Smithsonian American Women's History Museum
- Established: December 27, 2020
- Type: History Museum
- Founder: U.S. Congress
- Directors: Elizabeth Babcock, PhD
- Chairperson: Jane Abraham Penny Pritzker
- Website: womenshistory.si.edu

= Smithsonian American Women's History Museum =

Planned museum

The Smithsonian American Women's History Museum is a proposed Smithsonian Institution museum dedicated to women's history, to be located in Washington, DC. The museum was established by Congress in 2020. Development of the museum is expected to take at least ten years.

== History ==
The museum was established by Congress as part of the Consolidated Appropriations Act, 2021, which became law on December 27, 2020. Lisa Sasaki was appointed as the museum's first interim director in March 2021. Elizabeth C. Babcock was publicly named the museum's director in March 2024 and assumed the role in June of the same year. On August 6, 2025, it was announced that Babcock would be stepping down from her role as director of the museum to become President and CEO of the Adler Planetarium.
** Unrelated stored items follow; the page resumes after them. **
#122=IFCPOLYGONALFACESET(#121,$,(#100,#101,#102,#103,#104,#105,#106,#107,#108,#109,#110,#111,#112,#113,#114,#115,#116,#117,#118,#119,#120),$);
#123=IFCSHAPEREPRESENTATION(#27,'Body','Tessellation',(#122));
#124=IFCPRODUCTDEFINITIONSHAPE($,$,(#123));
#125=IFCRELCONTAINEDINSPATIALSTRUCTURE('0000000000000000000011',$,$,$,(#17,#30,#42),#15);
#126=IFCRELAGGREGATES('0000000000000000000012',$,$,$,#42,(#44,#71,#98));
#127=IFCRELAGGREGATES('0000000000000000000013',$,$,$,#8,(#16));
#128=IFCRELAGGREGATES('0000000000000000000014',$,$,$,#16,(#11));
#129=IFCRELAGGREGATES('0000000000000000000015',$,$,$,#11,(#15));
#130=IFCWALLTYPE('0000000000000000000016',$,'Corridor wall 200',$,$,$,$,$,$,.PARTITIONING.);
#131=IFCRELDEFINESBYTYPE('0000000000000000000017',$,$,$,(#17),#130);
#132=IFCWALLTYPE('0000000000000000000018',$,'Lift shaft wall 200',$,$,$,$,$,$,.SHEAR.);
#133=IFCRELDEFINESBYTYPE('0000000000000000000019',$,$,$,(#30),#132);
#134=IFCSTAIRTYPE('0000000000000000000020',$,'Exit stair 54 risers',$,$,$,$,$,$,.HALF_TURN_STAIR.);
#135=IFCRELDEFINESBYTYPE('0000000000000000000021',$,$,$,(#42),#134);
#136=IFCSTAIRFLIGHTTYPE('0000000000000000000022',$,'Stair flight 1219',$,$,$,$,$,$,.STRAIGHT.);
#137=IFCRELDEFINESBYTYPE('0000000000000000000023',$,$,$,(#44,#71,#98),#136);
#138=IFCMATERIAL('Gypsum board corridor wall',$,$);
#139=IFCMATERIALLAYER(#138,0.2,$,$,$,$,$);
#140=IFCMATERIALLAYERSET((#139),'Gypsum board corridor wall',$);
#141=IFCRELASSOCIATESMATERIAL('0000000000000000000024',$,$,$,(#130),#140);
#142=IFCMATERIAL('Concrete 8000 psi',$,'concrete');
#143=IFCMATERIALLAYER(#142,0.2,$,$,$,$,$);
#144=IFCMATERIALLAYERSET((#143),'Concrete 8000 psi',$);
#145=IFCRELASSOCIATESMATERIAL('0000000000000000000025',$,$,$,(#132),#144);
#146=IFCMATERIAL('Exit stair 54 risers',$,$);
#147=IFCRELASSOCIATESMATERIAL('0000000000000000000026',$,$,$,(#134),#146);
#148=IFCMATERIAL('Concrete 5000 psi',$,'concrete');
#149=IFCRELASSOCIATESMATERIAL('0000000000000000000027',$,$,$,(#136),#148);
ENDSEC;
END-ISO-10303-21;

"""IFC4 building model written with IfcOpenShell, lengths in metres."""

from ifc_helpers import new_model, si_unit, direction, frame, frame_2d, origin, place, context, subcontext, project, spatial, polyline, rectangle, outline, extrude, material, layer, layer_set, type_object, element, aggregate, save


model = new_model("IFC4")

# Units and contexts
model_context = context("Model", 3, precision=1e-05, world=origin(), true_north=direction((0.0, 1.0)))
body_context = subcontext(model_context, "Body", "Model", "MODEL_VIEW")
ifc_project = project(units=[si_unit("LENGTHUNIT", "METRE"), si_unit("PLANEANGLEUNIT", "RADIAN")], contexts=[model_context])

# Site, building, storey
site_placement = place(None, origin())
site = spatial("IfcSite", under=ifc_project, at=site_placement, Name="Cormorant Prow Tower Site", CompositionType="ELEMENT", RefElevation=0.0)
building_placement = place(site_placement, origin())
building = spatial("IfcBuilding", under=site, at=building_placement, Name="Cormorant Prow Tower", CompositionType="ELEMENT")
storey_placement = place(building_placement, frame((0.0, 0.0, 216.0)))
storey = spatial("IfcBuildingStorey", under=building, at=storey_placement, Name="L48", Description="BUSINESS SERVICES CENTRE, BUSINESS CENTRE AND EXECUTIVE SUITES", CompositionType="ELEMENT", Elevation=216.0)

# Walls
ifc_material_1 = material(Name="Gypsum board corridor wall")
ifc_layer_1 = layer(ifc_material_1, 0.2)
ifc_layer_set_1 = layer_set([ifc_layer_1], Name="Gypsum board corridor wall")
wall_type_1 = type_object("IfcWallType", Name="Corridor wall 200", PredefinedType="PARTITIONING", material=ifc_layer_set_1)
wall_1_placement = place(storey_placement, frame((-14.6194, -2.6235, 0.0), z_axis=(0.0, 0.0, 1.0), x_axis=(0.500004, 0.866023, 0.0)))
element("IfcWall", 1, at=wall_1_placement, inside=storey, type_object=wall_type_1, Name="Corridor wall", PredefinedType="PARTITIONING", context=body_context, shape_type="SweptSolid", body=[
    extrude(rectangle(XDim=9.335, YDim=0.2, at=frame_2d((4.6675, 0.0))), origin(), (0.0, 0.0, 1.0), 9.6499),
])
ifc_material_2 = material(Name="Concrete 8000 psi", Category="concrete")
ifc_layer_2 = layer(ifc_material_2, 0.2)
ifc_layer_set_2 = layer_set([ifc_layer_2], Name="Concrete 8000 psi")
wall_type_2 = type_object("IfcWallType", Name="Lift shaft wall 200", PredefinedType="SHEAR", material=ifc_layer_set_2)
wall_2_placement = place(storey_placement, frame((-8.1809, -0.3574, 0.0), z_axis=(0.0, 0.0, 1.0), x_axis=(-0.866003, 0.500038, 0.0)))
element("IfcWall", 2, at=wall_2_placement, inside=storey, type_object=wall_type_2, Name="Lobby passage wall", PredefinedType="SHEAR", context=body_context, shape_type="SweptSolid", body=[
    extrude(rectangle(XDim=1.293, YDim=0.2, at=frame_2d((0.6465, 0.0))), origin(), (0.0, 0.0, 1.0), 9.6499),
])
In August 2021, the Smithsonian Board of Regents established an advisory council for the planning, design, fundraising, and development of the museum. Founding members of the council include Secretary of the Smithsonian Lonnie Bunch, fashion designer Tory Burch, actress Lynda Carter, and tennis champion Billie Jean King.

On March 27, 2025, President Donald Trump issued an executive order focused on making changes to the Smithsonian Institution and singling out the Smithsonian American Women's History Museum along with the National Museum of African American History and Culture and the American Art Museum for "divisive narratives that distort our shared history", threatening to withhold future funding for "exhibits or programs that degrade shared American values" or "divide Americans based on race." This included a ban on certain topics regarding gender and race, as well the existence and history of trans women, explicitly prohibiting the American Women's History Museum from recognizing trans women "in any respect".

== Activities ==
The museum holds Wikipedia Edit-a-thons to expand the coverage of women's history, offering editing training with the help of Wikimedia DC.